Evaluating the Anti-Osteoarthritis Potential of Standardized Boswellia serrata Gum Resin Extract in Alleviating Knee Joint Pathology and Inflammation in Osteoarthritis-Induced Models.

Abstract

Osteoarthritis is a widespread chronic degenerative disease marked by the deterioration of articular cartilage, modifications in subchondral bone, and a spectrum of symptoms, including pain, stiffness, and disability.
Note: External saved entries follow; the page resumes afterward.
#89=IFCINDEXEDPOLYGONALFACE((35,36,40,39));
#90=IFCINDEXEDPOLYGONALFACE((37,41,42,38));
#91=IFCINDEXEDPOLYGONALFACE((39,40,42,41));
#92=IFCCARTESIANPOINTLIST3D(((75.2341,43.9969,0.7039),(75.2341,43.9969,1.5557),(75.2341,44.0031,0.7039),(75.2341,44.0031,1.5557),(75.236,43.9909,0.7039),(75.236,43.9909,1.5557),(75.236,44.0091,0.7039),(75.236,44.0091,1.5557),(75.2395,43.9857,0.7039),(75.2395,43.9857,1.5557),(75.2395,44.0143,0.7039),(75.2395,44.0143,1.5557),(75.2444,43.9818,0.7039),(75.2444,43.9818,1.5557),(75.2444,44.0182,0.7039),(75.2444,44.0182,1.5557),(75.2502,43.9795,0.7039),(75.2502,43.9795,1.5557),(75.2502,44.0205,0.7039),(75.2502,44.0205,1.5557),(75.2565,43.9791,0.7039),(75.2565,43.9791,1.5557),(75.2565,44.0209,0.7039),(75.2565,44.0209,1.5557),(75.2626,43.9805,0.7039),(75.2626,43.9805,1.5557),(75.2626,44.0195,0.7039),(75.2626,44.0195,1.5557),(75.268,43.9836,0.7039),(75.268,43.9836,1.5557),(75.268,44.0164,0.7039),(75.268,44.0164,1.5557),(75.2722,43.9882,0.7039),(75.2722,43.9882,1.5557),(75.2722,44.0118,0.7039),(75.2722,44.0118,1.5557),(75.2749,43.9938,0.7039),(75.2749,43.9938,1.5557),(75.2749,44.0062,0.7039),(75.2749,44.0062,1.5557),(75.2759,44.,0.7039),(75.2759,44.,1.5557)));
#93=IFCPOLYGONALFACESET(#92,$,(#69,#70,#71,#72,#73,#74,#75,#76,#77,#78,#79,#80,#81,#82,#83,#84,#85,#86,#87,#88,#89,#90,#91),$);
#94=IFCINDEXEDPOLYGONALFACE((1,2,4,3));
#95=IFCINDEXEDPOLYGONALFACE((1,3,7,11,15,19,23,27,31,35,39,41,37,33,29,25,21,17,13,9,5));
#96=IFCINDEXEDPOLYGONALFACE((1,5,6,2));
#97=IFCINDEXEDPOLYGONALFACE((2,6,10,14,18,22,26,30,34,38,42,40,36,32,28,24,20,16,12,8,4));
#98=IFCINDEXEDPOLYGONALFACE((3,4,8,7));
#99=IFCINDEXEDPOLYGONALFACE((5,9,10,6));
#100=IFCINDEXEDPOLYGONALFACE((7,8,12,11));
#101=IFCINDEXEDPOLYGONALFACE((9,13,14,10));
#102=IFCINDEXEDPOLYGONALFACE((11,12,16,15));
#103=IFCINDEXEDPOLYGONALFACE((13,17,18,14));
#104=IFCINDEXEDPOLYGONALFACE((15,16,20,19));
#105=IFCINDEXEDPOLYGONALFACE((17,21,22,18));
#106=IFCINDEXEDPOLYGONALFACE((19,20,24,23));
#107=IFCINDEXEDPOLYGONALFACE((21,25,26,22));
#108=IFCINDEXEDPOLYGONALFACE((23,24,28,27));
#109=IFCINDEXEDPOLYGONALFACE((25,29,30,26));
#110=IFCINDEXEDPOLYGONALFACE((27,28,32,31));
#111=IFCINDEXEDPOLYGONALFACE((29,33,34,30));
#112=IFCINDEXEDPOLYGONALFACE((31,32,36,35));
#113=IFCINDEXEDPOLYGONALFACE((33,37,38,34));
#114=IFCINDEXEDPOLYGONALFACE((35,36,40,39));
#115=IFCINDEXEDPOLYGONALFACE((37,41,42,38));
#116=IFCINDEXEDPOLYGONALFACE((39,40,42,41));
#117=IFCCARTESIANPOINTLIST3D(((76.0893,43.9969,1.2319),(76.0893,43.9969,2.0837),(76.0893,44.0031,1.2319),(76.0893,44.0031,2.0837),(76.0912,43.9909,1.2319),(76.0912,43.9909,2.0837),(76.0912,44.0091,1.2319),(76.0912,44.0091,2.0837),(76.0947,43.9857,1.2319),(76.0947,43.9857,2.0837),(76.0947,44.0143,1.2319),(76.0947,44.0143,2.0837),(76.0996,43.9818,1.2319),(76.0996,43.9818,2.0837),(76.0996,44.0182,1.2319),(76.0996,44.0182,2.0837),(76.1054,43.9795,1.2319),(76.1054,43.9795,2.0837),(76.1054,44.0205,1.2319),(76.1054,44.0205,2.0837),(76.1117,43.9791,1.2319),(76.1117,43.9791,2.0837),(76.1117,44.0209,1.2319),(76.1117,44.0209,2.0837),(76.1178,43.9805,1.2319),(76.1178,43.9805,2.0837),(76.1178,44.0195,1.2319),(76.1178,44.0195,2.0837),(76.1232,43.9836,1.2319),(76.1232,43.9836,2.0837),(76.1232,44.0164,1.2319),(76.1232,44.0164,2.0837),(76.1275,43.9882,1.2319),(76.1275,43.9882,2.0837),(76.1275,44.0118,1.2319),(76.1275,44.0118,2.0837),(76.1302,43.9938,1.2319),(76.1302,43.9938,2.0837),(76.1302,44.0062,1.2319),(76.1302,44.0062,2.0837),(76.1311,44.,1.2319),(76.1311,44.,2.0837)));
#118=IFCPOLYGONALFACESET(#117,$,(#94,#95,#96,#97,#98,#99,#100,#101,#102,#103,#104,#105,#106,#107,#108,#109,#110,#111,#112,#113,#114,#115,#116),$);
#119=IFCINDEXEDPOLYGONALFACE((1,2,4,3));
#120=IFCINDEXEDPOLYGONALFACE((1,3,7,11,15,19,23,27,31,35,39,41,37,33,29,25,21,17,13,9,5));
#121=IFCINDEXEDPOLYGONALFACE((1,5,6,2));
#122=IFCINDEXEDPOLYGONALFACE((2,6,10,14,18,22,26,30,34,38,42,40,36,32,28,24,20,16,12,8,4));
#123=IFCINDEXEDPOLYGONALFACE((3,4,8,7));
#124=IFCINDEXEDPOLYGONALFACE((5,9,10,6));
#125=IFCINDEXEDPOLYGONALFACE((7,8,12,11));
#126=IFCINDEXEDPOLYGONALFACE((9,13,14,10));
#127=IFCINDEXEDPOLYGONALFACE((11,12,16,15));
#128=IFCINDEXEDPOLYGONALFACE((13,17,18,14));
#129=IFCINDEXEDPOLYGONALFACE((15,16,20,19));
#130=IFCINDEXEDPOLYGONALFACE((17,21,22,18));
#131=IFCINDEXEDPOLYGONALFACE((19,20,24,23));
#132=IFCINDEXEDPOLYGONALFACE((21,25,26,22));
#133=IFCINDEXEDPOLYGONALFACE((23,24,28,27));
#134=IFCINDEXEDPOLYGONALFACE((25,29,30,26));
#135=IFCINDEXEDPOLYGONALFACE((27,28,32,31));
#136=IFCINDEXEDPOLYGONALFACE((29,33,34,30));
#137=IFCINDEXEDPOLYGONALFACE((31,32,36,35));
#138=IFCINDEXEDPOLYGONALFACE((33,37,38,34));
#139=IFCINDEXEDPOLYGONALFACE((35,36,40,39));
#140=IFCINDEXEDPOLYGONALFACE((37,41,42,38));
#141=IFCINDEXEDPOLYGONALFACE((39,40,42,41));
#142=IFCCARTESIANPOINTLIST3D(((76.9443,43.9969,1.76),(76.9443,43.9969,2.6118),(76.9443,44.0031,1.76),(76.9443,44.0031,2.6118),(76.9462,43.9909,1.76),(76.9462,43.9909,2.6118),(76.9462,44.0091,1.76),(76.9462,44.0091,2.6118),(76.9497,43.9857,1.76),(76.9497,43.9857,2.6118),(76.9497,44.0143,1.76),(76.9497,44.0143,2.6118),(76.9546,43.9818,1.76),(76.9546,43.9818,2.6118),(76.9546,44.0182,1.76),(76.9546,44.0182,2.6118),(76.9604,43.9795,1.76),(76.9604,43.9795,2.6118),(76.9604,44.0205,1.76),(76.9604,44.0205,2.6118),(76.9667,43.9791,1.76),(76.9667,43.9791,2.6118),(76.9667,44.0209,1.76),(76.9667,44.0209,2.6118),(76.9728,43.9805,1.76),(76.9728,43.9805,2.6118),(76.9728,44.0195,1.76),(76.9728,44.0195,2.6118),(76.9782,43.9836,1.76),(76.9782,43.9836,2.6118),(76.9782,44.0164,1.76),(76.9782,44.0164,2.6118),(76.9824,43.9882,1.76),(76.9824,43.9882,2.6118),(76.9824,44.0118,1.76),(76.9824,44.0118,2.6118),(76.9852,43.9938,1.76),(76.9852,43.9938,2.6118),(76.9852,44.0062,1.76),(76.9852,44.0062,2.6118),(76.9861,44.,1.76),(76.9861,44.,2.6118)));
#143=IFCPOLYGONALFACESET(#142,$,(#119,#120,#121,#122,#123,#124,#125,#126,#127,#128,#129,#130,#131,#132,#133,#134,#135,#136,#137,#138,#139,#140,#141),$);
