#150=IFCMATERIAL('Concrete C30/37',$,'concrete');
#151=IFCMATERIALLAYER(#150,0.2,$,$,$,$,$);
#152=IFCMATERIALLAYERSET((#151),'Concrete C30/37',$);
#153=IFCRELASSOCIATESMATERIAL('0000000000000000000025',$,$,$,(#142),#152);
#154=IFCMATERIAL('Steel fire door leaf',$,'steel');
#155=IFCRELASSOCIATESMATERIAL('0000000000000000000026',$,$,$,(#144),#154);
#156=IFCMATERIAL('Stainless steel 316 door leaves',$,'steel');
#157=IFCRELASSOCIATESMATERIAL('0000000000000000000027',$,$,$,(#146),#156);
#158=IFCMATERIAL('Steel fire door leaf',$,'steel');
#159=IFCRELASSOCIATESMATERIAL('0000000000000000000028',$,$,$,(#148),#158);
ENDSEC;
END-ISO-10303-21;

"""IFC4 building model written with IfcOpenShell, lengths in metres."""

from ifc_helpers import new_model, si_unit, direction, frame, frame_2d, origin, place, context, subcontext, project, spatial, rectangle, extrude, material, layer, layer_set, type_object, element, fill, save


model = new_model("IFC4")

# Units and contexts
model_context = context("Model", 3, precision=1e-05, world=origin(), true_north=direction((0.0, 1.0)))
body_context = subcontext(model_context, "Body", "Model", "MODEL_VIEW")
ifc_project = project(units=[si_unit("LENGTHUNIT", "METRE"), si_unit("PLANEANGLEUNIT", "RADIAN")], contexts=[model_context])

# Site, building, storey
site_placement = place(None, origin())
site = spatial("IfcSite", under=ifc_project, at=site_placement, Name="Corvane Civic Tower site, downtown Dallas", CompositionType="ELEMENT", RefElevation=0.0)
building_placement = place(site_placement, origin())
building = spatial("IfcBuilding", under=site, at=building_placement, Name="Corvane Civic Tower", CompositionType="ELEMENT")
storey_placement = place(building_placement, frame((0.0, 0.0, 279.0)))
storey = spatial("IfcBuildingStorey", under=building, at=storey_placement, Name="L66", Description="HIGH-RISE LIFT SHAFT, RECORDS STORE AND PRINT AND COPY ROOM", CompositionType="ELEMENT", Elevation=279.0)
Ultimately, this condition impairs the patient's quality of life. This study aimed to evaluate the therapeutic efficacy of standardized Boswellia serrata gum resin extract (BSRE) in a rat model of monosodium iodoacetate (MIA)-induced osteoarthritis. A total of 60 rats were allocated into six groups: normal control group (NC), osteoarthritis control (injected with MIA, OC), O + B50 (injected with MIA and treated with 50 mg/kg body weight (BW) BSRE), O + B75 (injected with MIA and treated with 75 mg/kg BW BSRE), O + B100 (injected with MIA and treated with 100 mg/kg BW BSRE), and O + M (injected with MIA and treated with 150 mg/kg BW methyl sulfonyl methane). Several parameters, including knee joint swelling, histopathological changes, and the expression of collagen type II alpha 1 (COL2A1) and aggrecan, were comprehensively assessed. Concurrently, the serum levels and mRNA expression of inflammatory mediators, cytokines, and matrix metalloproteinases (MMPs) were analyzed in both the serum and knee joint synovium. The results demonstrated that BSRE significantly mitigated knee joint swelling, cartilage destruction, and tissue deformation. Notably, BSRE administration markedly upregulated the expression of COL2A1 and aggrecan while concurrently reducing levels of nitric oxide, prostaglandin E2, leukotriene B4, interleukin (IL)-6, and tumor necrosis factor (TNF)-α. Furthermore, a substantial decrease was observed in the mRNA expression of inducible nitric oxide synthase, cyclooxygenase-2, 5-lipoxygenase, IL-6, TNF-α and MMP-3 and -13, thereby indicating promising therapeutic implications for osteoarthritis. In conclusion, BSRE exhibited anti-inflammatory properties and inhibited cartilage matrix degradation in a rat model of MIA-induced osteoarthritis, with the O + B100 group showing significant reductions in swelling and notable improvements in joint cartilage damage. These findings illuminate the preventive and therapeutic potential of BSRE for osteoarthritis treatment, emphasizing the criticality of exhaustive evaluation of novel compounds.